Is there a certain method or cadence that works best with these lures?

I've looked on youtube and saw some guys just ripping the accross the water. But what I've read from the box is to let them sit. It's confusing to say the least. Today I caught one after ripping it for 10 feet and letting it sit. I don't seem to have much luck with one certain method or speed.

What works for you?


----------



## shizzy77 (Oct 8, 2009)

to me it all depends on what lure you are throwing. 

Frog, popper, chugger etc. 

I work my Spro frog nice and slow. Hop, big big pause, hop, hop hop, big long pause, hop, big long pause, hop, hop, hop. I also try to let him sit right on the edge of a hole in the lilly pads. 

the rest of them poppers and chuggers I work them how the fish want to see them. fast slow, pause, no pause, etc. I let the fish tell me.


----------



## Captain Ahab (Oct 8, 2009)

For LM Bass they seem top like it when it sits - sometimes for up to 1-2 minutes. I will give it one pop as soon as it hits the water - them slowly pop it to where I want it - let it sit and just give it the most gentle twitch that I can


----------



## Jim (Oct 8, 2009)

If your talking strictly poppers like a Rebel Pop-R







I like to toss them early in the morning or after sunset, in calm water areas. I toss it and let it sit until the ripples disappear. Then I do small jerks. I listen for that rain drop noise they make, and then let it sit for a few seconds, repeating till I get it back to the boat. If the topwater bite is on, I usually get hit on the first or second jerk, but there have been time when it was bitten by the boat (scaring the crap out of me).


----------



## Bubba (Oct 8, 2009)

Oh Boy, This is gonna be on like Donkey Kong at Dale Hollow! :mrgreen:


----------



## slim357 (Oct 10, 2009)

Play around with your retrieve till you find out what the fish want. I have several ways i try, I start off by giving the bait three small pops rest for a few seconds (depending on how active the fish are and water temps I might let it sit for up to a minute) then repeat. If this method isn't working I'll try walking the dog, which can be difficult depending on what type of popper your throwing. If niether method is working I'll speed it up poping it 5 or 6 times before letting it rest. But if all of the above aren't panning out i'll generally start popping it very hard (mostly outa frustration, but I have caught a few that way)


----------



## alumacraftjoe (Oct 10, 2009)

On pop r' I like to shave the lower lip some and make the bait spit more than pop.... I vary retrieves and always get tons of action if the top water bite is on.


----------



## jl_rotary (Oct 22, 2009)

Jim said:


> If the topwater bite is on, I usually get hit on the first or second jerk, but there have been time when it was bitten by the boat (scaring the crap out of me).

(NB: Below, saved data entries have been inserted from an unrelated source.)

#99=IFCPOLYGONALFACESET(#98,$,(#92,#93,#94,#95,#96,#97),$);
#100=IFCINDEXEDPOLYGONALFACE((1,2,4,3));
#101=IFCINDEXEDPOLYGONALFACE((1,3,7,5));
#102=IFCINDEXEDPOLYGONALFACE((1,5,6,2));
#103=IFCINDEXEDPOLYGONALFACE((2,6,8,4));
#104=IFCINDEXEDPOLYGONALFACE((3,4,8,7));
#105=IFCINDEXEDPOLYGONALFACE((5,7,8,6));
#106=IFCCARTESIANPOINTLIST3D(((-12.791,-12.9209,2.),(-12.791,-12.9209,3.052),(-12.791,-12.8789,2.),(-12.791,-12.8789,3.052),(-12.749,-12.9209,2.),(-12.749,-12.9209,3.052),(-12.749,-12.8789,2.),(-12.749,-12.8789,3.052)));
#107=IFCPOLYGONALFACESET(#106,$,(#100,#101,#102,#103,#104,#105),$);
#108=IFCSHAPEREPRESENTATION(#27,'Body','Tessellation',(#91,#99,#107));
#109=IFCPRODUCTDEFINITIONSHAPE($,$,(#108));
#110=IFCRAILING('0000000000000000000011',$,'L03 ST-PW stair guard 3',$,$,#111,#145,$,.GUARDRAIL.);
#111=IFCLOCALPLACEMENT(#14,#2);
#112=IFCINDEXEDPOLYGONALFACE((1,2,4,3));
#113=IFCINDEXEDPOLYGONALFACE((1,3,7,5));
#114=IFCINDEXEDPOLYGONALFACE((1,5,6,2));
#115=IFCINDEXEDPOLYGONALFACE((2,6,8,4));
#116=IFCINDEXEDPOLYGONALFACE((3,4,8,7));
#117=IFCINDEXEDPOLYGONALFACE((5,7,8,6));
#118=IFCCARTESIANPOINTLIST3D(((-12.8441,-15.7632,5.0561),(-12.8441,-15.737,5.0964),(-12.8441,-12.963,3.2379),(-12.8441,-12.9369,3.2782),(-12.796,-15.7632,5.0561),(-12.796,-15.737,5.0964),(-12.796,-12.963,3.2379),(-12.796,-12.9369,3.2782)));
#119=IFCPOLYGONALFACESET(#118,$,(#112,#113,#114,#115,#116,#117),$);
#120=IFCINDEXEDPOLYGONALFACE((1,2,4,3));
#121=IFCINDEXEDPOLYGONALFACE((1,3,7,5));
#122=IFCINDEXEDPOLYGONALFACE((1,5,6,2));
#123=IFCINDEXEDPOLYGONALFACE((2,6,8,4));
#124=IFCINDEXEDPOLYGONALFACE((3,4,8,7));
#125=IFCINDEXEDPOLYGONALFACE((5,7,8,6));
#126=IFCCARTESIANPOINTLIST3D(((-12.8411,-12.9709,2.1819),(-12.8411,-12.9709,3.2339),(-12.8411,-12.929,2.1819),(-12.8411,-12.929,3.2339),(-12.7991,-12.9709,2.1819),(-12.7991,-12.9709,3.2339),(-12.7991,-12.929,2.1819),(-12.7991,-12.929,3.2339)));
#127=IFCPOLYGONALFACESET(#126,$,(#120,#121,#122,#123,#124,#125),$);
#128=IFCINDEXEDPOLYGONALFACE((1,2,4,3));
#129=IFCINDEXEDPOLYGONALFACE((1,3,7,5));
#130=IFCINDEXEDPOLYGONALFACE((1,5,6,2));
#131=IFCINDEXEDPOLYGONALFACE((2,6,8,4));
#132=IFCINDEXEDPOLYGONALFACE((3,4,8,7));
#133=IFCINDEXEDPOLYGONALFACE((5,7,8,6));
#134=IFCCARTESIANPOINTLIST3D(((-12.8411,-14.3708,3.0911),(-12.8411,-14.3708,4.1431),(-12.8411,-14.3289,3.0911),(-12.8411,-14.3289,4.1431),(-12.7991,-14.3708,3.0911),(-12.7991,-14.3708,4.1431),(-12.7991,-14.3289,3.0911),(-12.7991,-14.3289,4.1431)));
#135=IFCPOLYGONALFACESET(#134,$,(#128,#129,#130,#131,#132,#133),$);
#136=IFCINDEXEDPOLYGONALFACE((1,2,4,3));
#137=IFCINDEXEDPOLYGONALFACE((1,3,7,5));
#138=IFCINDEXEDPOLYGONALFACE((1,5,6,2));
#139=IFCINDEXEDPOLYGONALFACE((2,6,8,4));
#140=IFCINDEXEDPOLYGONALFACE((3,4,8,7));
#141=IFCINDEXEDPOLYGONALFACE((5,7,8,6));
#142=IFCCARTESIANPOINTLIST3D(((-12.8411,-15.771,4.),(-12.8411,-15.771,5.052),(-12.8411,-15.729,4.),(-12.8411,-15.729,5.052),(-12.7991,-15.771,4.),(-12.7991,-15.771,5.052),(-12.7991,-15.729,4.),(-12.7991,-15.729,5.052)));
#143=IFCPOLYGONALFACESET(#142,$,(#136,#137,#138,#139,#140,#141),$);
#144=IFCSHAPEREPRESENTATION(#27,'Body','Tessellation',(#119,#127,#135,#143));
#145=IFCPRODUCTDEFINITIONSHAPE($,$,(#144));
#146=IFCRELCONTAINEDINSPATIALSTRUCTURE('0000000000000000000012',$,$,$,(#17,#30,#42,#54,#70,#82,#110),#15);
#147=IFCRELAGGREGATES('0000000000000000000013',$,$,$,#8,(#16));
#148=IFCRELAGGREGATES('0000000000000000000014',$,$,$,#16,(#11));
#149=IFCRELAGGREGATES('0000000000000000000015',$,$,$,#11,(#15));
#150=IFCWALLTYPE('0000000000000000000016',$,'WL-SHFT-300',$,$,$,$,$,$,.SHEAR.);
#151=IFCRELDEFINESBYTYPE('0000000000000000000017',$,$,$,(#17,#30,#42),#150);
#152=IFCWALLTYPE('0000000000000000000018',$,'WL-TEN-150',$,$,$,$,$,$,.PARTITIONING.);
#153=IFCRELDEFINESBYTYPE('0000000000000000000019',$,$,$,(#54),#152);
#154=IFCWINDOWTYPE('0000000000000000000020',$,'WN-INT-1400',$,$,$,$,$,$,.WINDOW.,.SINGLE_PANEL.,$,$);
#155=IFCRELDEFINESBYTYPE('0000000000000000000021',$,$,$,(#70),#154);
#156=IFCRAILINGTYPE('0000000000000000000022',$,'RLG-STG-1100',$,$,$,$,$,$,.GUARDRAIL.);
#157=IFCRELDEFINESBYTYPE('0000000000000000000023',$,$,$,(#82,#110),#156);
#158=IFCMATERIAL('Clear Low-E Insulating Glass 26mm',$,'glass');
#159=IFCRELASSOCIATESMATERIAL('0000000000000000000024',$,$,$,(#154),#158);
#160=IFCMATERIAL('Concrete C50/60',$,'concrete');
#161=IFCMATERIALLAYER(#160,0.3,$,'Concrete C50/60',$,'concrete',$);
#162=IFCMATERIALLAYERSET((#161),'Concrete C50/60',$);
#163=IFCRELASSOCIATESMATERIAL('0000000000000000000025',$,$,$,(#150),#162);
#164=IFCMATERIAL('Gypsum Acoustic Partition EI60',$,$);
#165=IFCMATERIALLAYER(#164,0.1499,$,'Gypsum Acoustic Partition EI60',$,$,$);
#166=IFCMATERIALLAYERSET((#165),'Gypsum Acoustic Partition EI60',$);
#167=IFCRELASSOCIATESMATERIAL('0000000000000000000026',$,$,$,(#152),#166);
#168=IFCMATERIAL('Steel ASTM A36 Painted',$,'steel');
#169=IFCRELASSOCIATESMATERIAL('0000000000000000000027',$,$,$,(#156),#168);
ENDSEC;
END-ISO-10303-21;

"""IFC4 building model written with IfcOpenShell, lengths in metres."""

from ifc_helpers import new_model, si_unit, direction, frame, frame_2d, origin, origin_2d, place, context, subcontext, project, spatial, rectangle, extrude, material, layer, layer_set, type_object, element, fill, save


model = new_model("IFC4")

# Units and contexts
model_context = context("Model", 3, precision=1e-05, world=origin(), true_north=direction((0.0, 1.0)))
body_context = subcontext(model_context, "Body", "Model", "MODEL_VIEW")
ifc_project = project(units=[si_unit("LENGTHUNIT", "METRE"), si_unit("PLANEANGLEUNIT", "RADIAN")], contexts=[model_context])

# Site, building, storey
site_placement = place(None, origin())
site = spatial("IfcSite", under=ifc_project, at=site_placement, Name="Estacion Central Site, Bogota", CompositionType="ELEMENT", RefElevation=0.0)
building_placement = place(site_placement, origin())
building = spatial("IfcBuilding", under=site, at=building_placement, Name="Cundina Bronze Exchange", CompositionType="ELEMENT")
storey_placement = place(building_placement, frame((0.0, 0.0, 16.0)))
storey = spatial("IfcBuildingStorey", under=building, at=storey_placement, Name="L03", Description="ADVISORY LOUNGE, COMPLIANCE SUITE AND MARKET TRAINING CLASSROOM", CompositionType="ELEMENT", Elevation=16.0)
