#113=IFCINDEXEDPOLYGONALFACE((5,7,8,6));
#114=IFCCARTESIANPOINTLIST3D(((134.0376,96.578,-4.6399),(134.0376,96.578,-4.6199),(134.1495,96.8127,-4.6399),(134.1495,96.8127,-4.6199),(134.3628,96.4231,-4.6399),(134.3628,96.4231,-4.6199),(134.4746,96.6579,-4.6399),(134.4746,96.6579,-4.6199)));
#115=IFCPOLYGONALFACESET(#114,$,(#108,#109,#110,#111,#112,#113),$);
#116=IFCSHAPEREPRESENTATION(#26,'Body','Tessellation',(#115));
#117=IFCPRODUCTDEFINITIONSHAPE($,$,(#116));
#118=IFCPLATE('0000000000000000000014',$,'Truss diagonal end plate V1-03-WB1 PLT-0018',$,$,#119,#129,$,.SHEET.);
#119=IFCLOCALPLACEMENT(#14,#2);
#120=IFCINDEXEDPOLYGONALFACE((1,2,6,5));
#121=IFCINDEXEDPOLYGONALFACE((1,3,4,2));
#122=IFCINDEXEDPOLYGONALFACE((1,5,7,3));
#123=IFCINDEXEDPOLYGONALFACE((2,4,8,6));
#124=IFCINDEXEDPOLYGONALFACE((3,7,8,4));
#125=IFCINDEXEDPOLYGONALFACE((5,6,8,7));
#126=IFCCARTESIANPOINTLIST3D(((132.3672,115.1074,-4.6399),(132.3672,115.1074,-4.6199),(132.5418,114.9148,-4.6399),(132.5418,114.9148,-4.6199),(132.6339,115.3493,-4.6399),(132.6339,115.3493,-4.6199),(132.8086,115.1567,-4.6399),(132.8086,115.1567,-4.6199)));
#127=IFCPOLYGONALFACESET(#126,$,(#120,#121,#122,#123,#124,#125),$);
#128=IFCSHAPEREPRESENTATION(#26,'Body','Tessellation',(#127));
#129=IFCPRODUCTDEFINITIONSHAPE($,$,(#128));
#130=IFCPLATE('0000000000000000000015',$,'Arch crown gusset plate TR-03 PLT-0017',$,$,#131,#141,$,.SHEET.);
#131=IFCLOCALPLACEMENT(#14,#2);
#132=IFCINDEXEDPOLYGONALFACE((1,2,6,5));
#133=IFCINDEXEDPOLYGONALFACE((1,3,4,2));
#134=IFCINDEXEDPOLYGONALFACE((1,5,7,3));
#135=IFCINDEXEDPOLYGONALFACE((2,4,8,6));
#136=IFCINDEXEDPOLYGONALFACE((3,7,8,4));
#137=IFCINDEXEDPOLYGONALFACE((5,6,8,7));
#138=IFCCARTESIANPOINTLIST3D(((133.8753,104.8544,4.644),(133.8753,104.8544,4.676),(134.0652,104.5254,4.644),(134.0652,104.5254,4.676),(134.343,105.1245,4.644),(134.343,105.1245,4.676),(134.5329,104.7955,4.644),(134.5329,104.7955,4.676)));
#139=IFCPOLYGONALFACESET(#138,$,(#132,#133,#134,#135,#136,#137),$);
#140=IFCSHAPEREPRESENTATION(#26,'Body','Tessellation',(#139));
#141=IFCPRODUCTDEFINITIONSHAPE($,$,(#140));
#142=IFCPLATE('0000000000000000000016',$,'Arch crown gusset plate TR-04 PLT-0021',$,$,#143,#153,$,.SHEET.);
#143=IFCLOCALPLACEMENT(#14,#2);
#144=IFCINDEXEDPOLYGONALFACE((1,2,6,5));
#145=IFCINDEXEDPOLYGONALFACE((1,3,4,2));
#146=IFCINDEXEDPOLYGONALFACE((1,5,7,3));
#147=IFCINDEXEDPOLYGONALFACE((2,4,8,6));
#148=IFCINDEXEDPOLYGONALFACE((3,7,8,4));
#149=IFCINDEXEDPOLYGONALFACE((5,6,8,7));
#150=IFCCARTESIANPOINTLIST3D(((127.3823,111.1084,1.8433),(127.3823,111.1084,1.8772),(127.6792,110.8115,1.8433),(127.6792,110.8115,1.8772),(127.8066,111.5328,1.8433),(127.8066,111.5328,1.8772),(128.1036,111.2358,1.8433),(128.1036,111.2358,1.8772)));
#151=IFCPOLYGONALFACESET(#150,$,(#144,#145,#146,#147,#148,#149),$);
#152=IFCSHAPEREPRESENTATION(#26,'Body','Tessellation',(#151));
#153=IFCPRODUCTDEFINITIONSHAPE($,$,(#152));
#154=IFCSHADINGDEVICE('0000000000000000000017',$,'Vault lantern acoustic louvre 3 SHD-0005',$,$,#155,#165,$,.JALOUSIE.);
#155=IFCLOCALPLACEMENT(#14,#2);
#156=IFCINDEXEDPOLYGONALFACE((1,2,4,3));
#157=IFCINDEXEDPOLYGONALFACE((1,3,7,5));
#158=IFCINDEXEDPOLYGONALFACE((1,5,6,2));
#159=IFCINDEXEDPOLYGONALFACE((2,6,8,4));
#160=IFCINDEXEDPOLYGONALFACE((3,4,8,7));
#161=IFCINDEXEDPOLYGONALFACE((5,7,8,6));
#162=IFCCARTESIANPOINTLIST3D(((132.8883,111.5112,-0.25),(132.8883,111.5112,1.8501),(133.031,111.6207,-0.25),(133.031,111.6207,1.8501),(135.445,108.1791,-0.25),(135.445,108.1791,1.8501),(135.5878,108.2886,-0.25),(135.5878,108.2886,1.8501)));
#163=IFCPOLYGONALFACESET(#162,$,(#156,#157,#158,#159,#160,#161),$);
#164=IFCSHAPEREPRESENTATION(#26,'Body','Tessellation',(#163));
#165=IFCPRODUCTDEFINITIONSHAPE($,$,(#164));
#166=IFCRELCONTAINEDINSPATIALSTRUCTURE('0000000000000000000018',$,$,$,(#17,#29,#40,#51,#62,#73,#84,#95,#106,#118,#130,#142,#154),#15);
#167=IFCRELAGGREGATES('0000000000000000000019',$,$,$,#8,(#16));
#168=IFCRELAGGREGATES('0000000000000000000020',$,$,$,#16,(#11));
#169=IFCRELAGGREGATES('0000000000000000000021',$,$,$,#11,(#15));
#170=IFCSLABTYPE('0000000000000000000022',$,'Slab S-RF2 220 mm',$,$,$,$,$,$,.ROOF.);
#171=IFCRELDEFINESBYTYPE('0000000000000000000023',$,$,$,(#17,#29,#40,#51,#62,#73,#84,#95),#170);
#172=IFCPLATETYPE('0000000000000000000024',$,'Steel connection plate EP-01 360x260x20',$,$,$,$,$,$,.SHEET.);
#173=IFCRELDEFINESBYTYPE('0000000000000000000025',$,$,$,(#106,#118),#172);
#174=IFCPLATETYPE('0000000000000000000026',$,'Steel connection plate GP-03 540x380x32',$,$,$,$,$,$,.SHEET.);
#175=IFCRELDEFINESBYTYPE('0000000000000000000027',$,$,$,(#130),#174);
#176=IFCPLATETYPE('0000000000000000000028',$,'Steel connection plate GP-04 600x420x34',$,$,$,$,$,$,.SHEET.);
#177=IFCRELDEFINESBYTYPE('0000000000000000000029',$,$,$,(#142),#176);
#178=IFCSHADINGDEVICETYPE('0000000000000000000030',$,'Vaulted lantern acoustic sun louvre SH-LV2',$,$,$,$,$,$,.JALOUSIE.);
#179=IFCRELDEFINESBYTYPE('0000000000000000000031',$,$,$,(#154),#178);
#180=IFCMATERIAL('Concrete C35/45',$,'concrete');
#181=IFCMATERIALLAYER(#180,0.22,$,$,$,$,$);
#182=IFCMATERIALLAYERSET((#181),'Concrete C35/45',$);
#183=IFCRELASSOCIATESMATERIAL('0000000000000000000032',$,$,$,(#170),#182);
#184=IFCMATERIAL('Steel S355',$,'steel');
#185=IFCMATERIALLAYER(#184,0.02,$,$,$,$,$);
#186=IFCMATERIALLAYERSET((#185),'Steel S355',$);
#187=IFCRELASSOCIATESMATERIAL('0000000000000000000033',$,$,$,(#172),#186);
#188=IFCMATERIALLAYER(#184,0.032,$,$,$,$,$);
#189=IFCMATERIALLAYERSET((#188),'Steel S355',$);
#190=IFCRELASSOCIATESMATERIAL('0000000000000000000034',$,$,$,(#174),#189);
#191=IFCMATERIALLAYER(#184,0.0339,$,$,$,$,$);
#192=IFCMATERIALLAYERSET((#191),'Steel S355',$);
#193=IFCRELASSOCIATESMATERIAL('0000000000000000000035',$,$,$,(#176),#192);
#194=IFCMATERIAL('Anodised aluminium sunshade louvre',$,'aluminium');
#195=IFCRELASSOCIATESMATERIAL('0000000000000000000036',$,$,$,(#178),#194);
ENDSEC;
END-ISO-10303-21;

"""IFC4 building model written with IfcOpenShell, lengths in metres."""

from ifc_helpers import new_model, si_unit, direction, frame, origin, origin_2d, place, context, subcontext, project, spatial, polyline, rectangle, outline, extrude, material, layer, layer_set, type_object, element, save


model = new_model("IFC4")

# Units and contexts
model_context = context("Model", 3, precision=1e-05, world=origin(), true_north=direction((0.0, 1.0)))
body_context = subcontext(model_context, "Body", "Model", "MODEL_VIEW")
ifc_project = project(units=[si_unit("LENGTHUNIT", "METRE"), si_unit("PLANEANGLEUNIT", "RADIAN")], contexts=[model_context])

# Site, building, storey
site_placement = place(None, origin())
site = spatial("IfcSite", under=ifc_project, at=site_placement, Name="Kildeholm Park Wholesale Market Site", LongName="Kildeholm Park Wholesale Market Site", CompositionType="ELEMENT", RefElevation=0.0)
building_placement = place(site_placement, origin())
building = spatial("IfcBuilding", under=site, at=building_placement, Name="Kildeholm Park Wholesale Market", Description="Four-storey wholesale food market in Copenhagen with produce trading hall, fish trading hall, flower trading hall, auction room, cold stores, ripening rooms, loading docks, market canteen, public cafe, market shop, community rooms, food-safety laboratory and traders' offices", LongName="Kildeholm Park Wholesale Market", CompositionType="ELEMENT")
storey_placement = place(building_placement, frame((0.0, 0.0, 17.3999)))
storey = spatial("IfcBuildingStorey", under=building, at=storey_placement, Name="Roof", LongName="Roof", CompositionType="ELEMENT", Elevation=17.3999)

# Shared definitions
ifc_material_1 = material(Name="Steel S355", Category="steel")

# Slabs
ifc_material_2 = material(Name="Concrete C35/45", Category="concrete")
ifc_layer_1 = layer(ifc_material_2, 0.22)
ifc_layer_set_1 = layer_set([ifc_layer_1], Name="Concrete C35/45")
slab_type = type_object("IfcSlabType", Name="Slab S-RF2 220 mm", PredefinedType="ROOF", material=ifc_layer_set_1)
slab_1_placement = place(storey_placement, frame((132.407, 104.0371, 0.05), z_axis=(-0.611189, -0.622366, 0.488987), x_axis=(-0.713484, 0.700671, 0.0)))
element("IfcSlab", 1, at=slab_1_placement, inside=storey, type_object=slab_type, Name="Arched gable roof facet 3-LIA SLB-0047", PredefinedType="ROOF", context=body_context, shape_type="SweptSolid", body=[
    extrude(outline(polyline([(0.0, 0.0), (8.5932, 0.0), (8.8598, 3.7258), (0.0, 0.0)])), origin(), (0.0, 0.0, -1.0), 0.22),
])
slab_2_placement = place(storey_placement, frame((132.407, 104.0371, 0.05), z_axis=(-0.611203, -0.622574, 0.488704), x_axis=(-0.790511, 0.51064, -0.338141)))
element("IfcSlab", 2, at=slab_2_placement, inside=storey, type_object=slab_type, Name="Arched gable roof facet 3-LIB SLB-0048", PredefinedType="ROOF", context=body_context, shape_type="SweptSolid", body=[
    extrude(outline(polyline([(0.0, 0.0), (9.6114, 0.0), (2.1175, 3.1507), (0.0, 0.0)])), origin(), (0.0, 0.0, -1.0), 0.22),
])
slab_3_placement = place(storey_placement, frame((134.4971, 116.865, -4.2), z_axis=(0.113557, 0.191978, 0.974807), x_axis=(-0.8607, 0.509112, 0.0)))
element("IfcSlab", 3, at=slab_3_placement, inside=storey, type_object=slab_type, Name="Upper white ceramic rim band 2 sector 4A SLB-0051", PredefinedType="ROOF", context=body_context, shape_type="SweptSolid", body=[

Happened to me and scared the crap out of me too :mrgreen: 

I think the fish eventually tell you how to work it...you keep changing how you work the topwater till you get a bite then you continue to work it that same way trying to repeat the bite


----------



## Salmon_Slayer_2008_Lund (Oct 25, 2009)

Great answers! I was curious as to how to fish these properly as well. Thanks!


----------



## Jim (Oct 28, 2009)

I just scored a Rico for $16....Black Beauty :beer:

Watch me lose it on the first cast! :LOL2: 






The fish know this is a Lobina, that's why only the big ones go for it. Stick with me folks. :LOL2:


----------